La libertad del mercado nos dicen, asegurará la paz. Tal es la tesis de Francis Fukuyama: tras la caída del socialismo, ella se impodrá globalmente, las ideologías morirán, lo regirá todo y habrá paz, porque sin los espejismos de la convicción será la vasta maquinaria la que determine el destino de la gente (no del “pueblo”). El pensamiento único marca -según Fukuyama- el fin de la lucha entre ideologías, el fin de la historia. Este planteo hegeliano no sostiene que dejarán de suceder cosas. Habrá progreso científico pero no político, porque ya habremos alcanzado la cima. Así, la retórica liberal aconseja no mirar nunca al pasado. No vaya a ser que recordemos quiénes somos. La identidad divide, nos dicen, trae conflictos, grietas. Pero fue Hannah Arendt quien señaló que con los apátridas, con los sujetos sin identidad, el poder puede hacer lo que quiera.
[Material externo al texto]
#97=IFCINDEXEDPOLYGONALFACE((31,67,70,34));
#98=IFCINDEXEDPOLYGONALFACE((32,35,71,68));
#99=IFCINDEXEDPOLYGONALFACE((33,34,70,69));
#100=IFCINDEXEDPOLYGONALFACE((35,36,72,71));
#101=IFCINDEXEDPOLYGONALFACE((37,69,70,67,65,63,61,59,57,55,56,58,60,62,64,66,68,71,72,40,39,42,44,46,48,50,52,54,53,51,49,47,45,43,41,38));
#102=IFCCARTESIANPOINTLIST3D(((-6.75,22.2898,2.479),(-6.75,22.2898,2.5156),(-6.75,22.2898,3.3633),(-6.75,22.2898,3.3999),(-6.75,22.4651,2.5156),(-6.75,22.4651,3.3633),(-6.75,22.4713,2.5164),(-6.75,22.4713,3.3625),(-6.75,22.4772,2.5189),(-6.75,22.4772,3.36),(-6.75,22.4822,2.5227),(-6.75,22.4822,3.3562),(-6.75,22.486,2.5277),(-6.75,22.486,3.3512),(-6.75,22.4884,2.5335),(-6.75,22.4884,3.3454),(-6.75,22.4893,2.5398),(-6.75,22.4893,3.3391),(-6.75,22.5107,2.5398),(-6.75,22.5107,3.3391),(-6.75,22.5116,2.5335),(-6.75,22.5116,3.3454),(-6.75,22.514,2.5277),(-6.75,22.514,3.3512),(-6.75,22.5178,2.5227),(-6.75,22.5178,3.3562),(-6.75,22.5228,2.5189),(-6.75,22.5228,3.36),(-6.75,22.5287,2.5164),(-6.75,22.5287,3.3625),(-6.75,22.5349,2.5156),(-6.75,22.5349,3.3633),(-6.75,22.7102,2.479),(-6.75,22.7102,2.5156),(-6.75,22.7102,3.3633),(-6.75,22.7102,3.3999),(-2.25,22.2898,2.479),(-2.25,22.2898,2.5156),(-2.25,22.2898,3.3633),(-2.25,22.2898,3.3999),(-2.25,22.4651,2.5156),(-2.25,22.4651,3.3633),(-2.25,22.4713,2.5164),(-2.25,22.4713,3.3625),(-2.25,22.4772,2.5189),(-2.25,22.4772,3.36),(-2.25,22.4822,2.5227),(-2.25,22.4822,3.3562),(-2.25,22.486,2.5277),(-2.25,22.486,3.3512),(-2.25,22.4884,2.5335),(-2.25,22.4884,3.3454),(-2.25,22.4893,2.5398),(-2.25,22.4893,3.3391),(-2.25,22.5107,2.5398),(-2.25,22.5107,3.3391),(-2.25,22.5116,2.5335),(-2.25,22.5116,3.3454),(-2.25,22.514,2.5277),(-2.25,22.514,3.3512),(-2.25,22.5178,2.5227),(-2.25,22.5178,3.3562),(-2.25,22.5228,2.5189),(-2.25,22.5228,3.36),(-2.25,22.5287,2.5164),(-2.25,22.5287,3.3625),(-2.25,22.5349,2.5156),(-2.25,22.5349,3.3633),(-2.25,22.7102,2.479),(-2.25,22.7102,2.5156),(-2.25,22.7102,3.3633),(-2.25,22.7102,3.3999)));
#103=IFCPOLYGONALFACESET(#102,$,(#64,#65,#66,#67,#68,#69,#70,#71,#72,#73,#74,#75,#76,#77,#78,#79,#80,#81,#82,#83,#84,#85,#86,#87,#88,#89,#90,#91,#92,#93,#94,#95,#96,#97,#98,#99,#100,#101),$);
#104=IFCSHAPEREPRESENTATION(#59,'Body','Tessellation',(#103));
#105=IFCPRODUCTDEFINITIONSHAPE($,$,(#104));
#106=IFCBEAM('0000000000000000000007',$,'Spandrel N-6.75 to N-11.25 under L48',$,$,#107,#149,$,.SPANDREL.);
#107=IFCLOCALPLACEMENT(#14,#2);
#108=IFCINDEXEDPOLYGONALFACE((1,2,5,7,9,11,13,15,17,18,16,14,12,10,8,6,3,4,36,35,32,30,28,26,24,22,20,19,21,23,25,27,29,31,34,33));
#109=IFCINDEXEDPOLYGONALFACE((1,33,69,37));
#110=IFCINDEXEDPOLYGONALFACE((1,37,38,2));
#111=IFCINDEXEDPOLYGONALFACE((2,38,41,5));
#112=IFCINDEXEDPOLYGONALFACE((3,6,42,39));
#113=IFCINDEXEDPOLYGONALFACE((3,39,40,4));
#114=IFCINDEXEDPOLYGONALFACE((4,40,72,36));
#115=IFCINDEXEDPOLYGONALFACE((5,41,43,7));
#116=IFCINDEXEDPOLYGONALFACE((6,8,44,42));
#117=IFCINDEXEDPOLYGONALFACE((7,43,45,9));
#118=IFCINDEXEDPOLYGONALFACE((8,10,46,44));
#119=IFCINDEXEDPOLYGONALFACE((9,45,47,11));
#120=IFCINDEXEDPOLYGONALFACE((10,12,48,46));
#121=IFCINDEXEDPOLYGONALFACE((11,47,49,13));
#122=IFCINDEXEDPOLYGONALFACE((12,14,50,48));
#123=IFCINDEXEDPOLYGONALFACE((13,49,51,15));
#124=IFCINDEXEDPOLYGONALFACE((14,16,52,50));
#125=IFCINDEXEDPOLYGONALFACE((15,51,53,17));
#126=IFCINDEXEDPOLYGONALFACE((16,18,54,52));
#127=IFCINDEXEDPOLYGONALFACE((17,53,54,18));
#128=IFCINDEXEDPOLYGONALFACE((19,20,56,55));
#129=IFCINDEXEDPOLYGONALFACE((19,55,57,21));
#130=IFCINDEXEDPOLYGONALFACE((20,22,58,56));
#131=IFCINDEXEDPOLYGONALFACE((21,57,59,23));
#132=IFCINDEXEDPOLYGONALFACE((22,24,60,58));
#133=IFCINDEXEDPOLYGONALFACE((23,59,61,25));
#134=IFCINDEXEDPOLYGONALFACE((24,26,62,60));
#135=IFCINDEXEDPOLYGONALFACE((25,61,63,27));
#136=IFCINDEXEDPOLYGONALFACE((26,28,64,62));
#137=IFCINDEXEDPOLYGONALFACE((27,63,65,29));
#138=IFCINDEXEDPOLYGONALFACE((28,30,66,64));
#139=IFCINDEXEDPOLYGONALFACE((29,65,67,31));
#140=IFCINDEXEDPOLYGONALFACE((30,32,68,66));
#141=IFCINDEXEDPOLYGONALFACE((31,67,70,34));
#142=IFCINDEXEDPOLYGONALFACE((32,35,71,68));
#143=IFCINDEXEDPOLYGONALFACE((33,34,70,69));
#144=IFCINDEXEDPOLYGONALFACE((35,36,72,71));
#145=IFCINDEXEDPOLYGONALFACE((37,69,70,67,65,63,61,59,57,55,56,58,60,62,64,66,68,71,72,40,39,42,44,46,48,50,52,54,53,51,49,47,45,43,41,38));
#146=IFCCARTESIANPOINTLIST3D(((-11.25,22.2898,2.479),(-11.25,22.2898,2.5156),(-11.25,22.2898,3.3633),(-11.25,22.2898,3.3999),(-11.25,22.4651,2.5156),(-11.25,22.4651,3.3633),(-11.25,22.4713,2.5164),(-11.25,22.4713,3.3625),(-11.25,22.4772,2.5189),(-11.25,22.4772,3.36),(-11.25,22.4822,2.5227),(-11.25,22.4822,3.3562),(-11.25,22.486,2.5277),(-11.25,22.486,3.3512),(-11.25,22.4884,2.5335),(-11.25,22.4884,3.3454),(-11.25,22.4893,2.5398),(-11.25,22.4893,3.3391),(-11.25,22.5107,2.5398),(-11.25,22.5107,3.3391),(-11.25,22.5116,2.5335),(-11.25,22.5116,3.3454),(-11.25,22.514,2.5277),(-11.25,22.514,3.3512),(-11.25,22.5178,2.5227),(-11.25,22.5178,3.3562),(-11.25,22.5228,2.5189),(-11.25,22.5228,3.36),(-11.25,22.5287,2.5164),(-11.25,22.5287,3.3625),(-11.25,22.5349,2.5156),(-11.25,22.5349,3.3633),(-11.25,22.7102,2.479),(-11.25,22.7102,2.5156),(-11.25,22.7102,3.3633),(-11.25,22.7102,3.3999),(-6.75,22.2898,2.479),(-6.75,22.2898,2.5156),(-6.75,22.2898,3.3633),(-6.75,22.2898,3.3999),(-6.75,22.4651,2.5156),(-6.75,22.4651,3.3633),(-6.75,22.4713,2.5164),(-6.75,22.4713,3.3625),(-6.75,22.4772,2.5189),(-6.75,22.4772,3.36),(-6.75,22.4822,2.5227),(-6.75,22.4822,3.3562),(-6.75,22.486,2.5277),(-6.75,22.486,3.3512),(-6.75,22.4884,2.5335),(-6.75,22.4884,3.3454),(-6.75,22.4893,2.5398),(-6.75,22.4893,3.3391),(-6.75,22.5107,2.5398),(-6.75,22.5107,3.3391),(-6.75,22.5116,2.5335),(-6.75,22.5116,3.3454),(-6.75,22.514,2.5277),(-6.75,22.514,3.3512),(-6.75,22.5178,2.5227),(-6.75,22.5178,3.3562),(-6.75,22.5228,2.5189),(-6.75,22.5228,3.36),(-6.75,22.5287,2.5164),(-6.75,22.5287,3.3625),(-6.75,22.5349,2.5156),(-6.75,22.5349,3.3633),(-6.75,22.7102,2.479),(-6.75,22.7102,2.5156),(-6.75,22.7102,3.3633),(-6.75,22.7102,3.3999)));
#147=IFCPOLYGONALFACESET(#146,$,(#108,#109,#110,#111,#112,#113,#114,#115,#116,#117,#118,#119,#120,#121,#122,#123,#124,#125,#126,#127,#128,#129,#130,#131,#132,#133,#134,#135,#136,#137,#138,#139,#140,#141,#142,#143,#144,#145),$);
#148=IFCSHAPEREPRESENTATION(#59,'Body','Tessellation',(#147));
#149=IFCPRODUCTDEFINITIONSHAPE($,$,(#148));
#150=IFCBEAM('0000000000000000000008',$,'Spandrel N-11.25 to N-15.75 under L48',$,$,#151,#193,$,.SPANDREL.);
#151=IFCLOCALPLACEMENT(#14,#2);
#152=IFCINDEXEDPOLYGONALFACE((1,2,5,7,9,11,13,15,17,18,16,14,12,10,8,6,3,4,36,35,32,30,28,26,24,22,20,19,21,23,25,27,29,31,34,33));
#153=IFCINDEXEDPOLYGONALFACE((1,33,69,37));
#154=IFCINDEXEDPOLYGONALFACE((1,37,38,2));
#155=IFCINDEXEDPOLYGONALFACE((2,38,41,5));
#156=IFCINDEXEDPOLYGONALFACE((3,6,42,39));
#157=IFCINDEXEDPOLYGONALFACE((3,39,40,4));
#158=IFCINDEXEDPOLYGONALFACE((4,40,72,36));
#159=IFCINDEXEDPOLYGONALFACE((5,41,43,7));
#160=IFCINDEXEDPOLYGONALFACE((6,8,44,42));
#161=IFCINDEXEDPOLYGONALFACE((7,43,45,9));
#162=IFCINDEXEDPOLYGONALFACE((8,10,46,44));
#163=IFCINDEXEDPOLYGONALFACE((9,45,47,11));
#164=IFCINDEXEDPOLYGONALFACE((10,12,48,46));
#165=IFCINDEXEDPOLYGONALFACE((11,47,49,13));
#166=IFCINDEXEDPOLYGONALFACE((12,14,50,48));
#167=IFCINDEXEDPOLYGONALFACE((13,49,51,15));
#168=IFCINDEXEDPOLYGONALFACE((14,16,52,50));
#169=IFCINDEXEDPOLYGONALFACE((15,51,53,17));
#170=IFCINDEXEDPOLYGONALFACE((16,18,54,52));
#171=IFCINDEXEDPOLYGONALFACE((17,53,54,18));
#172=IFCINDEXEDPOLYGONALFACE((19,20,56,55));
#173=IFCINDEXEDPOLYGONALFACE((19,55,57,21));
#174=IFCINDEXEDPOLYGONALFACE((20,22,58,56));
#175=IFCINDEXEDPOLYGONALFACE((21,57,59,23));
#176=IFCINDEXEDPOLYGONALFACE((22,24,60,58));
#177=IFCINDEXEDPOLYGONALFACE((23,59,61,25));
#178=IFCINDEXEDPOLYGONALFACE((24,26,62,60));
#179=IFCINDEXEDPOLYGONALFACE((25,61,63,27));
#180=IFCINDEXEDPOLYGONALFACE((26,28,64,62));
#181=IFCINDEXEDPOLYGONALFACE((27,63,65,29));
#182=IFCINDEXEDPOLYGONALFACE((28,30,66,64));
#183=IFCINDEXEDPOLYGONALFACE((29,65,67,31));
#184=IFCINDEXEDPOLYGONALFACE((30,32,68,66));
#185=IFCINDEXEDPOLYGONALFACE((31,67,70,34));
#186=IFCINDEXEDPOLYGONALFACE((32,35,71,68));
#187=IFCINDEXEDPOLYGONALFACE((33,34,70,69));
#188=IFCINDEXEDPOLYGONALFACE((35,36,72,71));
Es curioso postular un “pensamiento único” y a la vez excluir todo fundamentalismo. La pretendida tolerancia de la sociedad liberal vela una homogeneización global que ningún totalitarismo logró. El caudaloso rebaño está libre del peso de los ideales. Su único “fanatismo” es el consumo. Libre de ideales, tampoco se cuestiona nada. Es objeto de un formidable control que emerge como un nuevo paradigma del poder. Su irreverencia no es la irreverencia heroica, sino la irreverencia conformista de los últimos hombres. La nuestra es la era de la obediencia perfecta. Porque sin autoridad tampoco hay un autorizarse. Es la obediencia a un imperativo de goce -goce más obligatorio que permitido- que aplasta el deseo. El nuevo poder no opera por institución de ideales, sino por su destitución o degradación. Destituir los ideales no es lo mismo que hacerlos deconsistir para servirse de ellos. La destitución de los ideales inhabilita al sujeto para ello. Ese sujeto de la hipermodernidad liberal no es un fanático. Pero tampoco piensa. Su malestar es un malestar sin conflicto. El peor.

En su curso Todo el mundo es loco, J.-A. Miller postula el advenimiento del hombre de la cantidad, del imperio del número, de la medición y la evaluación generalizadas al extremo. La cantidad nos iguala –advierte-, borra diferencias, aniquila atributos, identidades diferencias. Contrariamente a lo que nos venden, la singularidad prometida queda muy atrás de este sujeto numerable, producible, moldeable y controlable por el poder. No tiene “ideología”, pero idolatra la cantidad. Y es que ella es el espejo en el que ve su propia reducción al número.